The easy one to build is the one that comes with the new routers now days..and it's free.

====


----------



## downhill (Nov 21, 2008)

For some though, it means you have to replace a perfectly good router. 

I had an older Triton TRC001 No lift built into it and it hadn't seen that much use. 

While I agree that if you are looking to buy a new router for your table, one with a built in lift is a plus but to replace a good router just for this seems expensive. 

I added a Router Raizer to mine but looking at this article, I may have just made one instead just to say I did. lol


----------



## bobj3 (Jan 17, 2006)

Hi

Can't have to many routers , you can now get a new router for as low as a 100.oo bucks or less with the lift built right in, it's a bottom line thing for me...

===



downhill said:


> For some though, it means you have to replace a perfectly good router.
> 
> I had an older Triton TRC001 No lift built into it and it hadn't seen that much use.
> 
> ...


----------



## BillyBatson (Dec 10, 2011)

For those of us who don't subscribe to the magazine ... perhaps some additional info (or images) can be shared.


----------



## KenBee (Jan 1, 2011)

bobj3 said:


> Hi
> 
> The easy one to build is the one that comes with the new routers now days..and it's free.
> 
> ====



Hi Bob....I agree. The only reason I made the post was there is always somebody asking about a lift.

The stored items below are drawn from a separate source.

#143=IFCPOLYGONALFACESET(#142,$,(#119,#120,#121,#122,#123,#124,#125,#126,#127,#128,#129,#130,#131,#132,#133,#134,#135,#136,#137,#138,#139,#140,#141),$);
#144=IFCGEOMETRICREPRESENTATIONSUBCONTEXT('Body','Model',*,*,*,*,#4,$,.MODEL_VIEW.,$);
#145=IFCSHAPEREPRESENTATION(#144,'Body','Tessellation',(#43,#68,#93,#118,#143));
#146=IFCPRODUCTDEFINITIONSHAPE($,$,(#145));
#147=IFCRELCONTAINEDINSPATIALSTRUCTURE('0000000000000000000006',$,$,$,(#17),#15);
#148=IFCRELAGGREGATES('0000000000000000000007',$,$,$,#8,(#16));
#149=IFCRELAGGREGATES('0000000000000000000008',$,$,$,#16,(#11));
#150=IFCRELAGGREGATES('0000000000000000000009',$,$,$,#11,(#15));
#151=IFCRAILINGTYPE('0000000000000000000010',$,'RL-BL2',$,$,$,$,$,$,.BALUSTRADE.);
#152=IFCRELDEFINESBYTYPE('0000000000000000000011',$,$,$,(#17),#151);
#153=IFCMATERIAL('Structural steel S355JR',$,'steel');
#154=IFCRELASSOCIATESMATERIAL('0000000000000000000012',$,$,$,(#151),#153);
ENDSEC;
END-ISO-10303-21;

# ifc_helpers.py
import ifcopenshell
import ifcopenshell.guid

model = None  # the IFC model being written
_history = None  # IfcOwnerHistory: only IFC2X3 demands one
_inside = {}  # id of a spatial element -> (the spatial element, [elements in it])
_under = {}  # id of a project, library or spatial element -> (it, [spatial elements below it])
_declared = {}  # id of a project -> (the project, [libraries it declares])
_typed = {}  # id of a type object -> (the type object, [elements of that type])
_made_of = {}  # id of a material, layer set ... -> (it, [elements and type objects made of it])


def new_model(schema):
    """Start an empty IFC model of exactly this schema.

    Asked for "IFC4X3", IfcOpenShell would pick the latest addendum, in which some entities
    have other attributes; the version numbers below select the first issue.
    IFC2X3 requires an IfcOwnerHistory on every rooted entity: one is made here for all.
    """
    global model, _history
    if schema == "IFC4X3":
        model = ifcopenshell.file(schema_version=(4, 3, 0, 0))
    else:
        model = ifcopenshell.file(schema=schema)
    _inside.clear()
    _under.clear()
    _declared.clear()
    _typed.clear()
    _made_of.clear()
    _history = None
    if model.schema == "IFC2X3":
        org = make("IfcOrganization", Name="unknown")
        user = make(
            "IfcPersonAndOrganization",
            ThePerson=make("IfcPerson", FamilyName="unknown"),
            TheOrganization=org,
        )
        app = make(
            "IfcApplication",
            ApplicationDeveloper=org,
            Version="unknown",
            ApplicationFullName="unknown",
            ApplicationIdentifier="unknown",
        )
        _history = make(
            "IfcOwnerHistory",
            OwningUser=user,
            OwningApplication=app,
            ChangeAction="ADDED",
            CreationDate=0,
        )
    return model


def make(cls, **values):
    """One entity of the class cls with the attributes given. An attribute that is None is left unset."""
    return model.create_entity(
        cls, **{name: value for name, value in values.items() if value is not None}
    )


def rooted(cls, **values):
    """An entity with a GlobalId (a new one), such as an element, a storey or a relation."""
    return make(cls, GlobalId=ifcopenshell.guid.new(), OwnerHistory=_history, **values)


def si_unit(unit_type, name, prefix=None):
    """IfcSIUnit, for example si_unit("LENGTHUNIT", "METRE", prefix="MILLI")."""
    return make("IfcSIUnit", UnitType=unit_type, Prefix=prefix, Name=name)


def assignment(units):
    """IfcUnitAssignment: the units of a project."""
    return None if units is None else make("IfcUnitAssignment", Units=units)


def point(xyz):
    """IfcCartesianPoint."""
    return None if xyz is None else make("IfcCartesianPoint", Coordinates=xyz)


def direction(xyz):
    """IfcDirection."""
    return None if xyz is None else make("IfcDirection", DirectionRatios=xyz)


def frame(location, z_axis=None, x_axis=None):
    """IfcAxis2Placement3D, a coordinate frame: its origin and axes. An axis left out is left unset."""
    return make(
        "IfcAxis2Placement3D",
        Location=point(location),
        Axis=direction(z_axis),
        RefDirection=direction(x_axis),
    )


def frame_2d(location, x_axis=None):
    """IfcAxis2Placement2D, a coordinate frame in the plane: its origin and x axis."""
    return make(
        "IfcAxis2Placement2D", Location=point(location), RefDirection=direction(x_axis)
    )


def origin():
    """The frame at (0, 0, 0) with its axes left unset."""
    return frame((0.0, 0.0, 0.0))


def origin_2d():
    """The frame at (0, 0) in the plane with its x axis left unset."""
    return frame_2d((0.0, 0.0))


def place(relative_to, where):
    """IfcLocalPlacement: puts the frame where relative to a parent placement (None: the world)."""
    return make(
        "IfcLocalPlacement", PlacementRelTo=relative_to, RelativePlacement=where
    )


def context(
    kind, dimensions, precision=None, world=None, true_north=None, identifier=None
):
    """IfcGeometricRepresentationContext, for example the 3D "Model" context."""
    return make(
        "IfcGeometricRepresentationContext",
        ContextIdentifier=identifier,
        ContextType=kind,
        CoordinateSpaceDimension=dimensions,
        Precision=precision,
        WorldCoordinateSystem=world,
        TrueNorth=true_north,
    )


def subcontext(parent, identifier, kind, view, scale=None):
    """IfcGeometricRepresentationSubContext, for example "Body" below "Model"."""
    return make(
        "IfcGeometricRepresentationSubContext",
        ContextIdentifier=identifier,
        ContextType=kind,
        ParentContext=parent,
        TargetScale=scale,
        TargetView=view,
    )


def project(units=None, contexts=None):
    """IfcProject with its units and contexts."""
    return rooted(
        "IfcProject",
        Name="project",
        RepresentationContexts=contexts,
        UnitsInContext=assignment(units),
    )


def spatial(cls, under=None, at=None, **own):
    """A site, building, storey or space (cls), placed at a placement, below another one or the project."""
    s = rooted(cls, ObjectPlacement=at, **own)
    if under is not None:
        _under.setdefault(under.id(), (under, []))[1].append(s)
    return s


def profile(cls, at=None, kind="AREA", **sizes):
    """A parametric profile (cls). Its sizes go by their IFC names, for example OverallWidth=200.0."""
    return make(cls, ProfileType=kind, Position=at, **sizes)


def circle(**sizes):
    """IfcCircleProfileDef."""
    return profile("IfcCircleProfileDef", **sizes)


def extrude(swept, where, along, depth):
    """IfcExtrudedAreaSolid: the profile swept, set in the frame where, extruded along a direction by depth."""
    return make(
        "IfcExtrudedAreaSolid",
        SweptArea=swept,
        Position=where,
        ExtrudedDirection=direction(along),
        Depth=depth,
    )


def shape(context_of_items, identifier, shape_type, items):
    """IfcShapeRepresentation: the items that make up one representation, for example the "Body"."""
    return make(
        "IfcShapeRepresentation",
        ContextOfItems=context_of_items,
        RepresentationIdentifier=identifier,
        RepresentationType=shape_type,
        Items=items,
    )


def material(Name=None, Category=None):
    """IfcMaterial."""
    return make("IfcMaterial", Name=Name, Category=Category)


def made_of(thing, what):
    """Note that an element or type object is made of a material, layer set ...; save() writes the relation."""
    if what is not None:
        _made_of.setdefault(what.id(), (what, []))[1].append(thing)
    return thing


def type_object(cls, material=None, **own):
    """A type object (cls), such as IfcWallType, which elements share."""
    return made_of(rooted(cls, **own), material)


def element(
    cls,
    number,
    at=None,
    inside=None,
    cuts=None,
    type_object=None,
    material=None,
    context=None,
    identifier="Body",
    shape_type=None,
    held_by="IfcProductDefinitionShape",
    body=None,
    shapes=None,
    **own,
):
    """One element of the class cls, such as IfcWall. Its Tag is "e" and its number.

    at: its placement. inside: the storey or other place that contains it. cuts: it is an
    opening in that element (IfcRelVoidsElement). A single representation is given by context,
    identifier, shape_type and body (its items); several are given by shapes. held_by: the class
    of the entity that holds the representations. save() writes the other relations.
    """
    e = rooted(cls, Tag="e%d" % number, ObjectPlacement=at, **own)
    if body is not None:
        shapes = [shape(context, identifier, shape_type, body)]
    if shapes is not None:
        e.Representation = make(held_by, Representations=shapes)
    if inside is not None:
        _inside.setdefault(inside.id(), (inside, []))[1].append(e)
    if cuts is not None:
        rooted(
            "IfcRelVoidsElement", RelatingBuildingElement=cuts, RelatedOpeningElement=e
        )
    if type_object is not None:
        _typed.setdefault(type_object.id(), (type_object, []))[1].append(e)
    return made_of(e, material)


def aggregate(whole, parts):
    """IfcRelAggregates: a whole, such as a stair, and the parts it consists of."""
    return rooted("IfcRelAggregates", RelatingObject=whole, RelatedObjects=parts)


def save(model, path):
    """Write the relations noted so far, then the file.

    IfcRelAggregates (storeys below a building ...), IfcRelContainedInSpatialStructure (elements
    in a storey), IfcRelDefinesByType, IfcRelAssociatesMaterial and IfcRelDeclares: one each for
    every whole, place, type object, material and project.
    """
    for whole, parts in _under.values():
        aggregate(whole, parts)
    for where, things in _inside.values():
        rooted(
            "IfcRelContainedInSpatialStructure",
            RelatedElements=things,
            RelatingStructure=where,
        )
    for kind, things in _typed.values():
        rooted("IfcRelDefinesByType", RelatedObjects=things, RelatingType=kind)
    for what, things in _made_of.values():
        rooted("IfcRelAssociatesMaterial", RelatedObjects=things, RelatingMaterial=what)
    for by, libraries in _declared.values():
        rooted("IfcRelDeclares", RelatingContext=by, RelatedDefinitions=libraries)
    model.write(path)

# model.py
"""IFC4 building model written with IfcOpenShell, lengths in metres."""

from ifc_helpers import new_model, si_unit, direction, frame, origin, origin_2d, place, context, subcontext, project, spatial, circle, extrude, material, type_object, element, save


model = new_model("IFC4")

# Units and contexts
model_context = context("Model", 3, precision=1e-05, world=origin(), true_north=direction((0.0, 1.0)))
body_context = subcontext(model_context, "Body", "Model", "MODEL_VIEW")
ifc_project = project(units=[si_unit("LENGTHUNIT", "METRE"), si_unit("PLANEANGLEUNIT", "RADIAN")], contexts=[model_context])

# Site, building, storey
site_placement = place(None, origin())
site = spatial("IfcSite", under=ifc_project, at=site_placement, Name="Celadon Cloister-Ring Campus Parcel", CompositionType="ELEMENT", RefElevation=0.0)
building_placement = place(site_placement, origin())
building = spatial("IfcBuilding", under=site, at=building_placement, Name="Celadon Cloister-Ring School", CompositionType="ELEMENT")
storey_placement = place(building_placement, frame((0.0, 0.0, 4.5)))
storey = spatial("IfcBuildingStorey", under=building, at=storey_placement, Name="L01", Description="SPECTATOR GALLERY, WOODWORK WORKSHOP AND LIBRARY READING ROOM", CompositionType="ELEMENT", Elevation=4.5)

My PC 890 router is just one of the ideal table routers because you can adjust the height as well as release the motor lock with the same tool above the table. I lucked out when I bought the complete kit with both bases, 1/2 inch collet, adjustment tool and plastic case was only $70.00. Now if I could sell the plunge base I could get my money back plus a profit. 

BillyBatson....It is a magazine article so unless Shop Notes post the plans on their web sight any interested parties will have to buy the magazine if they don't subscribe.


----------



## downhill (Nov 21, 2008)

bobj3 said:


> Hi
> 
> Can't have to many routers , you can now get a new router for as low as a 100.oo bucks or less with the lift built right in, it's a bottom line thing for me...
> 
> ===


You can buy jig knobs for less than two bucks each or less on sale and in bulk and I won't mention any names :no:, but the fact is.. people love building things. 


Right? 

Although it's going to take some time to build and I know time is money for a lot of people.. it still looks to be a fun project and one worth looking into for a lot of people.


----------



## dutchman 46 (May 23, 2007)

I got My copy Today! It is quite easy to build,but I don't like the wood to wood slide. You can adjust it for wear, and I would think humidity. I would not be scared to build one, but I would expect it to stick a little, or not stay as precise as it should be.I don't know who gets the Magazine, but My camera isn't on the computer. Any other opinions might be good.


----------



## jschaben (Jun 21, 2009)

dutchman 46 said:


> I got My copy Today! It is quite easy to build,but I don't like the wood to wood slide. You can adjust it for wear, and I would think humidity. I would not be scared to build one, but I would expect it to stick a little, or not stay as precise as it should be.I don't know who gets the Magazine, but My camera isn't on the computer. Any other opinions might be good.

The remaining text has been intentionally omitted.